Maddenin birinci fıkrasında, mahkemece sorgusu yapılmış olmak şartıyla sanığın veya bu hususta sanık tarafından yetkili kılındığı hâllerde müdafiinin istemi ile duruşmada hazır bulunmaktan bağışık tutulabileceği kabul edilmiş,
Beşinci fıkrasında ise, hastalık veya disiplin önlemi ya da zorunlu diğer nedenlerle yargılamanın yapıldığı yargı çevresi dışındaki bir hastane veya tutukevine nakledilmiş olan sanığın, sorgusu yapılmış olmak şartıyla, hazır bulundurulmasına gerek görülmeyen oturumlar için getirilmemesine mahkemece karar verilebileceği düzenlenmiştir.

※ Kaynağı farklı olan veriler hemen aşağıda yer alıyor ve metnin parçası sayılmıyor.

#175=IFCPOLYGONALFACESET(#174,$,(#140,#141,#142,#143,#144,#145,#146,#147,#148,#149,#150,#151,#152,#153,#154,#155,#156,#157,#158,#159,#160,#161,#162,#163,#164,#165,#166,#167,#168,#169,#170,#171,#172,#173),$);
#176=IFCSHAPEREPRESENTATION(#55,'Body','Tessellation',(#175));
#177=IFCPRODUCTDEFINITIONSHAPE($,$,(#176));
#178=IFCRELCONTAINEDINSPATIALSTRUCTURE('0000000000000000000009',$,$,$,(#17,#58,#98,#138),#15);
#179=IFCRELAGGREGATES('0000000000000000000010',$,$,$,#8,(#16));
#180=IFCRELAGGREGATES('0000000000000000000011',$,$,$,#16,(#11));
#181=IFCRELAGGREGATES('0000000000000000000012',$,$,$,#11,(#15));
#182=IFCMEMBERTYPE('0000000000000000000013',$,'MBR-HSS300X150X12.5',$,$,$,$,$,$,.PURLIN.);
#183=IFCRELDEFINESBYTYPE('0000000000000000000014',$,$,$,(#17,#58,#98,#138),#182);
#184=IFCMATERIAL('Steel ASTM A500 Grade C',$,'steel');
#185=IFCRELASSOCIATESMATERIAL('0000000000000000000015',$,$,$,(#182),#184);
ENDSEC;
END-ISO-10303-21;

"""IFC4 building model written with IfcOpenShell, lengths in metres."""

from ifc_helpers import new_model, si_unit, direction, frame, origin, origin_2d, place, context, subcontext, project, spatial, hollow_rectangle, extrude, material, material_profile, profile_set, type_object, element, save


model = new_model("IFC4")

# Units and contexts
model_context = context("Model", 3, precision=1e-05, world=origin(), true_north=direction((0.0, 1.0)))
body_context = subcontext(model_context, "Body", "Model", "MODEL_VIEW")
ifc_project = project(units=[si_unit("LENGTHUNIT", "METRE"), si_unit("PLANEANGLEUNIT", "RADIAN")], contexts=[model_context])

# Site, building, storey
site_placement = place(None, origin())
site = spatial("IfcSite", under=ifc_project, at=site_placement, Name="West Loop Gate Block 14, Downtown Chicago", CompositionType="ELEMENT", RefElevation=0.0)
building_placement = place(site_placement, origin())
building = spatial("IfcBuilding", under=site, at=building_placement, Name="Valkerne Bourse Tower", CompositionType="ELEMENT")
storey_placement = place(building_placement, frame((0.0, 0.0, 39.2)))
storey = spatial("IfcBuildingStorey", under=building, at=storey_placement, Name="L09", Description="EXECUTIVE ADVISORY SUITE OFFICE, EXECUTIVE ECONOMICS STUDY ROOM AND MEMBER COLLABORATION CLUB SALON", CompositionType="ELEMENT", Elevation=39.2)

Her iki fıkrada da sanığın sorgusunun yapılmış olması hâli bağışık tutulmanın şartı olarak belirtilmiş, ancak sanığın sorgusunun ne şekilde yapılacağı hususunda iki fıkrada da herhangi bir açıklamaya yer verilmemiş olup, bu konu maddenin ikinci fıkrasında düzenlenmiştir.
Bu düzenlemeye göre, alt sınırı beş yıldan az hapis cezasını gerektiren bir suçtan yargılanan sanığa, sorgusundan önce ifadesini esas mahkemesi huzurunda vermek isteyip istemediği sorulduktan sonra istinabe suretiyle sorguya çekilebilecektir. Alt sınırı beş yıl ve daha fazla hapis cezasını gerektiren suçlardan dolayı ise sanıkların sorgusunun mutlaka yargılamayı yapan mahkemece gerçekleştirilmesi zorunludur.
Sorgusundan önce sanığa, ifadesini yargılamayı yapan mahkeme huzurunda vermek isteyip istemediğinin sorulmaması veya sorulması üzerine duruşmadan bağışık tutulmak istemediğini belirtmesine karşın istinabe ile alınan ifadesiyle yetinilmesi savunma hakkının kısıtlanması sonucunu doğuracaktır.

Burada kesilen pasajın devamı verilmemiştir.